In other words, Hamas is ISIS, UNRWA is Hamas, and all three consider the abuse of women to be an entitlement. This has elicited barely a yawn from feminists around the world who are gearing up to mark IWD with great fanfare. (Hence, the hashtag: “#MeToo Unless You’re a Jew.”)

Israeli women on the left have been shocked at the global sisterhood’s lack of outrage with the Islamist rapists. After all, during last year’s mass demonstrations in the streets of Tel Aviv against plans by the newly formed government in Jerusalem to reform the judicial system, women in the United States, Europe and other continents leaped into immediate action.

Naturally, they were happy to join in the chorus of claims that the Jewish state was on the verge of becoming a messianic dictatorship. It was a way of bashing Israel while getting credit for publicly championing its “endangered” democracy.

Suddenly, women all over began emulating their Israeli counterparts by traipsing around during protests in costumes from the TV series “The Handmaid’s Tale,” based on Margaret Atwood’s 1985 dystopian novel. The flowing, red garments—a comic cross between nuns’ habits and Islamic burkas—were as ridiculous as the message behind them.

For one thing, the elitist ladies wearing them never suffered a day of discrimination in their lives. For another, the judicial reforms, which were buried along with the victims of the Oct. 7 massacre and fallen IDF soldiers, would have enhanced, not harmed, Israeli democracy.

In any case, that internal dispute is the last thing on Israeli minds at the moment, with 134 hostages still languishing in the tunnels of Gaza; with women and men in uniform risking their lives every day to rescue them and take out their captors; and with thousands of evacuees from the south and north of the country unable to return home until the threat of mortar-and-missile fire is removed.

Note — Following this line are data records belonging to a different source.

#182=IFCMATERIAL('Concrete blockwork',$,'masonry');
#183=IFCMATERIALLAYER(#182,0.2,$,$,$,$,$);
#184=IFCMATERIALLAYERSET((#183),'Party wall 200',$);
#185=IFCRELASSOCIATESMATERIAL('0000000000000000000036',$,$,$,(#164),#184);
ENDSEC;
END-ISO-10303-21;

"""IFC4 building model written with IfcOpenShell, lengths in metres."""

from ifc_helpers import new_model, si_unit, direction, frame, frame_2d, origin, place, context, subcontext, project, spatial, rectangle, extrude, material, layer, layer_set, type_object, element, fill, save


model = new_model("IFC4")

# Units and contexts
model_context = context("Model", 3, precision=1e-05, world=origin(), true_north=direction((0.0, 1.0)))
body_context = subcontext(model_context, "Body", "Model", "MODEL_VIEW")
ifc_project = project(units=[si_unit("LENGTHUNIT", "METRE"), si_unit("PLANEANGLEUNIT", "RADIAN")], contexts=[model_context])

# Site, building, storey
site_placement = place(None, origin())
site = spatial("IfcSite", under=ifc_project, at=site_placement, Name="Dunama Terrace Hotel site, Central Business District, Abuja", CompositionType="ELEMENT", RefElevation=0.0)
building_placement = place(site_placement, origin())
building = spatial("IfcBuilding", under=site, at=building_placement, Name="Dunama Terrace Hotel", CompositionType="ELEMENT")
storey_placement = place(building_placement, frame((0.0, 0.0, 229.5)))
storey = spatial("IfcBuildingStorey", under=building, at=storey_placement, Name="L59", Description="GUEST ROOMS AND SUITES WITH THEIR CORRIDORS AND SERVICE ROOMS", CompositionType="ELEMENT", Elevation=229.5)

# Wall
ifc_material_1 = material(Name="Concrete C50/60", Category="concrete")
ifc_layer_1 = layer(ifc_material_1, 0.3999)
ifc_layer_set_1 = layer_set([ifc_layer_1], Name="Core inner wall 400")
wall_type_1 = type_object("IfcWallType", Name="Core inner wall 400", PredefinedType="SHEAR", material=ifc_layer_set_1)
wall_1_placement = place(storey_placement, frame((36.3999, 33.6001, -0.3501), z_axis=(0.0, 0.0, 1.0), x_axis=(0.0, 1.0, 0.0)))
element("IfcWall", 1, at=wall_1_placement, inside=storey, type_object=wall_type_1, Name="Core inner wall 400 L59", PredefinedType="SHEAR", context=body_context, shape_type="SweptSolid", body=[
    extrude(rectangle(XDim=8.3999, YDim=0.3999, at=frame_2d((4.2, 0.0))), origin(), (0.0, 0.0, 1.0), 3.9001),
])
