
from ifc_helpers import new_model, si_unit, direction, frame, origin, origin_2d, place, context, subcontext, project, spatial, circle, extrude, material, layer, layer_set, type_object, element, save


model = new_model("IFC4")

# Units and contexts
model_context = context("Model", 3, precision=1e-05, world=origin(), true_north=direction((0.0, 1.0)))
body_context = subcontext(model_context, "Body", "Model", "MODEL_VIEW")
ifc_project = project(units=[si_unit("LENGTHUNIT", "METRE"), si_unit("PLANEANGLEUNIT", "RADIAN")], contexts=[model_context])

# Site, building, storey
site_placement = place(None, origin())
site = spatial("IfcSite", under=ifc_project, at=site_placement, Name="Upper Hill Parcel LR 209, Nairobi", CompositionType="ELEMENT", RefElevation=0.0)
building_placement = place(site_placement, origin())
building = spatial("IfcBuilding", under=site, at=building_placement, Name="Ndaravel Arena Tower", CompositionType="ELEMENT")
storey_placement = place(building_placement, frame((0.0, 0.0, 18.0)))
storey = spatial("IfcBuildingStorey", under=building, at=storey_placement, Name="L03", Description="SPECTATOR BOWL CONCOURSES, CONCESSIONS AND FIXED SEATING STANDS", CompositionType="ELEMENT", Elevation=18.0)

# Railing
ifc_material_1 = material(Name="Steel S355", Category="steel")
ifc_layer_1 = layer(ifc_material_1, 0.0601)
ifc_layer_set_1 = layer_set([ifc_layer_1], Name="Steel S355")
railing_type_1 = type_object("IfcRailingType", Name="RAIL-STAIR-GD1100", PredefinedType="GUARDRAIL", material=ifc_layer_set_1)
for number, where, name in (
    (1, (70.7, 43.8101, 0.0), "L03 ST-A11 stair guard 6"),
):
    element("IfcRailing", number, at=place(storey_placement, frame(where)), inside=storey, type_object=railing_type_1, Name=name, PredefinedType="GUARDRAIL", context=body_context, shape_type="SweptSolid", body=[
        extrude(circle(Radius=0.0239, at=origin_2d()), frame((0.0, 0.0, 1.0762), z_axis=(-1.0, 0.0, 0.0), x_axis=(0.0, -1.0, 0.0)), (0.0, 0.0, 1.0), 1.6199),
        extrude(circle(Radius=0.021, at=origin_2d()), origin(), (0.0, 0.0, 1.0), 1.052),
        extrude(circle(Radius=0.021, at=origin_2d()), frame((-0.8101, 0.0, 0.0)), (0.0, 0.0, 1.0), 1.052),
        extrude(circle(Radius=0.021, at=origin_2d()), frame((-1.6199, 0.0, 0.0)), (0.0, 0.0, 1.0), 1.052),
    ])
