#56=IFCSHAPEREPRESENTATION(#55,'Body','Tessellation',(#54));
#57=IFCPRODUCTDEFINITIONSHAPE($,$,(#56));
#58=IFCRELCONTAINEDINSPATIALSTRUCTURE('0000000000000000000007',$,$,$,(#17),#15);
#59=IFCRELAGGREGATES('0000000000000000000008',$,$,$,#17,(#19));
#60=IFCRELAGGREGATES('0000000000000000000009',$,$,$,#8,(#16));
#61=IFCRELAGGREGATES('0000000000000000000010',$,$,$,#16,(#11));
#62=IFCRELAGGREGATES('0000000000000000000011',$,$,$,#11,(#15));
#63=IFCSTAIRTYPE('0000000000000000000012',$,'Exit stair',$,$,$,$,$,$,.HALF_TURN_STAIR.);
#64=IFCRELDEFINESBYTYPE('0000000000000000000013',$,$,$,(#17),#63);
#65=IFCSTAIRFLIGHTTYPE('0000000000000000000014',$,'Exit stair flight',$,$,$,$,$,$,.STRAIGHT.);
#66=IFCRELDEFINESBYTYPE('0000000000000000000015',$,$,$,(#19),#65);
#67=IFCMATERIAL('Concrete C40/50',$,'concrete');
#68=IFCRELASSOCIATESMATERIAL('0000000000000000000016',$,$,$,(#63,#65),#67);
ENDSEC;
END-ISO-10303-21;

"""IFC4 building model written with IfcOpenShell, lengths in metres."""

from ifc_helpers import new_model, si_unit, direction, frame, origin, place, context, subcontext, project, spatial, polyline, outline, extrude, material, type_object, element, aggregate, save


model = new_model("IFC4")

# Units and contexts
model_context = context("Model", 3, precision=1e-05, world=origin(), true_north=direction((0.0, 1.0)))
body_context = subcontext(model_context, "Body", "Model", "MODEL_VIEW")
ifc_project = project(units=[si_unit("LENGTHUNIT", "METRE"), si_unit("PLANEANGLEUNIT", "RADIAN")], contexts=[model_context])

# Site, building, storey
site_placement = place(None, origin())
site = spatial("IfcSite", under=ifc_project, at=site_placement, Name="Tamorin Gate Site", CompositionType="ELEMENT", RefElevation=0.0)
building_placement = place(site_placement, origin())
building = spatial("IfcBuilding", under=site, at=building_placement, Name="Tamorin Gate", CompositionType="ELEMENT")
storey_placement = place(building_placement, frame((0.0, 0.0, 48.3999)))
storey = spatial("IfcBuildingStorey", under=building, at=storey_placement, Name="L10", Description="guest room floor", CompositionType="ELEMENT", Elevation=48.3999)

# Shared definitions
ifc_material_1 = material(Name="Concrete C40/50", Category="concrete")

IWD is an annual farce taken up by the United Nations in 1975 and devoted to progressive causes that do nothing to ameliorate the torment of truly subjugated women. Its theme this year—“Inspire Inclusion”—takes the absurdity to new heights.

There’s little chance that the world body will celebrate IWD by repenting for obfuscating, abetting and making a mockery of the sex crimes committed on and since Oct. 7. Hopefully, Israeli women will treat the date with the disdain it deserves.